03/11/2021
Não é possível ser cristão ou cristã na solidão. A advertência é de Dom Jaime Spengler, arcebispo metropolitano, e ele a repete sempre que o assunto é o futuro do atual modelo de paróquia ou mesmo do modo como dinamizamos nossa fé.
“A conversão pastoral requer discípulos engajados na causa do Reino, que testemunhem a importância da comunidade, pois não é possível ser cristão na solidão e no isolamento. A fé no Deus Uno e Trino é essencialmente comunitária”, enfatiza Dom Jaime. “Os desafios do tempo, especialmente o anonimato, a solidão e o sofrimento alheios, quando confrontados com o Evangelho, exigem criatividade na revitalização das paróquias”.

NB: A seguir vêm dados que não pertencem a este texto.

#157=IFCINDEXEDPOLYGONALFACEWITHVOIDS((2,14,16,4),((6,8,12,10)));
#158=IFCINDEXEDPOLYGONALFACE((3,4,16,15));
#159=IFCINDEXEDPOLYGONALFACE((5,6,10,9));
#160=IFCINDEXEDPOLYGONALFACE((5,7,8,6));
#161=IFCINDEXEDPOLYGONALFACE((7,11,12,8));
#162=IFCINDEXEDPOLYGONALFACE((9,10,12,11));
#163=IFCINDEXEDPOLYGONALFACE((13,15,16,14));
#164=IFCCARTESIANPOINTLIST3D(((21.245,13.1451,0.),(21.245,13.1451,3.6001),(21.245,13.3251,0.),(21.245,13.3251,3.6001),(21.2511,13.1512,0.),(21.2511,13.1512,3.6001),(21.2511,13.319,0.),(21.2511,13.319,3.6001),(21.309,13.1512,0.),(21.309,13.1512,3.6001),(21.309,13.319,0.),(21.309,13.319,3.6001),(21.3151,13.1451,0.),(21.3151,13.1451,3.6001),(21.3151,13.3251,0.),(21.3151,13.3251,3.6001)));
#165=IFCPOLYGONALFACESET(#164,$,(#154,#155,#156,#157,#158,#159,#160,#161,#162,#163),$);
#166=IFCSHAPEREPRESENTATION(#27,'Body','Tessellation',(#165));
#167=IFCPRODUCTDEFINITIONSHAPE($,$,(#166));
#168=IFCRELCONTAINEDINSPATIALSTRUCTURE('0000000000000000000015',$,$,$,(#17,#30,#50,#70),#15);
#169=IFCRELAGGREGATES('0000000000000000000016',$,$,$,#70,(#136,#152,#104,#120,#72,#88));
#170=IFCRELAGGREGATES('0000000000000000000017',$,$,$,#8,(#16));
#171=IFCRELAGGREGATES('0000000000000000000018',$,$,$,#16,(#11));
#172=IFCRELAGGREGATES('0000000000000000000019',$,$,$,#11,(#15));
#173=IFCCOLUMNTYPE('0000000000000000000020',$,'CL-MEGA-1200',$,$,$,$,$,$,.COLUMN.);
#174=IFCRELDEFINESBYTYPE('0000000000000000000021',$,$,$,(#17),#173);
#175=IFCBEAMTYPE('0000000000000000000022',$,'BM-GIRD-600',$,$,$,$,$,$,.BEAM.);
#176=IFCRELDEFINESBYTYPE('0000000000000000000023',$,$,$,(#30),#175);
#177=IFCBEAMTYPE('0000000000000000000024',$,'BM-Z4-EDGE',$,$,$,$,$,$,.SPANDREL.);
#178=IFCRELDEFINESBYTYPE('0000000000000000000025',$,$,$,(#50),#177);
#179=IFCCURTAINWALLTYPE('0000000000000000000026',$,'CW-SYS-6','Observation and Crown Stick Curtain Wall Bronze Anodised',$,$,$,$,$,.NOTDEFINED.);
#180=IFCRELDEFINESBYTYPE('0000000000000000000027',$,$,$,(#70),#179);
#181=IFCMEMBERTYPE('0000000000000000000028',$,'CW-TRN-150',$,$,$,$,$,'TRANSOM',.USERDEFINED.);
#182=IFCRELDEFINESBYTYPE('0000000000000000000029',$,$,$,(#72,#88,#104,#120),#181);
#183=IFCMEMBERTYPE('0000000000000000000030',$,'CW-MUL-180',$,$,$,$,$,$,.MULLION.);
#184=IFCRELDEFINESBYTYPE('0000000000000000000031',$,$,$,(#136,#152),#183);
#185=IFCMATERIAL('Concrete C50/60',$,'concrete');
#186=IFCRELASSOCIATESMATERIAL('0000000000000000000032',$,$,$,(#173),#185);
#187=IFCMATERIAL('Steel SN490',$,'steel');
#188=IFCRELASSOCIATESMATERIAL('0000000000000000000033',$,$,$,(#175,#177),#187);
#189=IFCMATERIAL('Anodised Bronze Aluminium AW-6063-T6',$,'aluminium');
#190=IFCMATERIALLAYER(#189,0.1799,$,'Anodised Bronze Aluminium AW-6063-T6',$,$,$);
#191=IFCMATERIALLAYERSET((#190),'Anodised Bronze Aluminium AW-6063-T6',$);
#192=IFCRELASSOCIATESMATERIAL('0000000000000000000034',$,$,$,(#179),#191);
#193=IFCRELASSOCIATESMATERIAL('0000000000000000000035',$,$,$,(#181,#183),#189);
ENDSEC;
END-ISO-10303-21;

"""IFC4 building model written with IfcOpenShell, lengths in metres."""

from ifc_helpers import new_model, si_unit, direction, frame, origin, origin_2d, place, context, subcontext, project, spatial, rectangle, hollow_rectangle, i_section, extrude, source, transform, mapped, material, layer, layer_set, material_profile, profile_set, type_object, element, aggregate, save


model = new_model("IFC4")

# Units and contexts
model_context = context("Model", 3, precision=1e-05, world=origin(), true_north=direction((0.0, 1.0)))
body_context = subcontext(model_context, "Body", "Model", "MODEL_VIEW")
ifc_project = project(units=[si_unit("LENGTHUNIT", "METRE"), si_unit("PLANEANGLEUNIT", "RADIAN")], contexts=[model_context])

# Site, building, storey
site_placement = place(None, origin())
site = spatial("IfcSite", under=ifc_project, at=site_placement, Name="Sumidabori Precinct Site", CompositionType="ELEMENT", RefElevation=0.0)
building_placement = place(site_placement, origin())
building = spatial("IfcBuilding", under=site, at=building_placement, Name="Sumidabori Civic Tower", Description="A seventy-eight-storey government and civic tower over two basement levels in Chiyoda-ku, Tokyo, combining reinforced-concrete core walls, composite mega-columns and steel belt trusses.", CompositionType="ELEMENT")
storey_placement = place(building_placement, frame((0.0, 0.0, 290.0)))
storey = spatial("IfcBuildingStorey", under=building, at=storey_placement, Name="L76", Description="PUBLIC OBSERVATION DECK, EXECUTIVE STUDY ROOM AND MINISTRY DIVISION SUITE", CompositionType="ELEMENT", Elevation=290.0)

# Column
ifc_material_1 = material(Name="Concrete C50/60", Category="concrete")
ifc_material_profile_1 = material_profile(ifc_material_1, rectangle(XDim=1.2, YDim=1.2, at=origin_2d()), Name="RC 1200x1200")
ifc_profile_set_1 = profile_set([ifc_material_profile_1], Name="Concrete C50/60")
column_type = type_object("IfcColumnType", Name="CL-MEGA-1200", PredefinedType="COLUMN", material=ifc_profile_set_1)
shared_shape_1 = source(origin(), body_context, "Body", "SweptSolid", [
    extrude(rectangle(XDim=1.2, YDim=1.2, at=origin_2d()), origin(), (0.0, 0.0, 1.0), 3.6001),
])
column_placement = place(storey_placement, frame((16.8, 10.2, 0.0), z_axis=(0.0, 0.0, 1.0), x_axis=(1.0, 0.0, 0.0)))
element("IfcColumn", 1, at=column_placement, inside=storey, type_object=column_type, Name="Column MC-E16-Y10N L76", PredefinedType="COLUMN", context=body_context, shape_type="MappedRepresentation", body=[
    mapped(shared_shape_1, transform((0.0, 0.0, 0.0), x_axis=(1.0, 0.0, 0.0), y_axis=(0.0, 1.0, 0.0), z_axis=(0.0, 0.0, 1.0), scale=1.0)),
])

Mas o que significa revitalizar uma paróquia e como fazê-lo? Iniciada em Pentecostes de 2019 e interrompida pela pandemia, no início de 2020, o processo de Formação Discipular nasceu como o sonho de transformar as paróquias em redes de comunidades eclesiais missionárias. Revisitada e revigorada na Assembleia do Clero e Assembleia Arquidiocesana de Pastoral, que inicia nesta quinta-feira (4), a realização deste sonho deverá ser uma das prioridades da Arquidiocese de Porto Alegre nos próximos anos.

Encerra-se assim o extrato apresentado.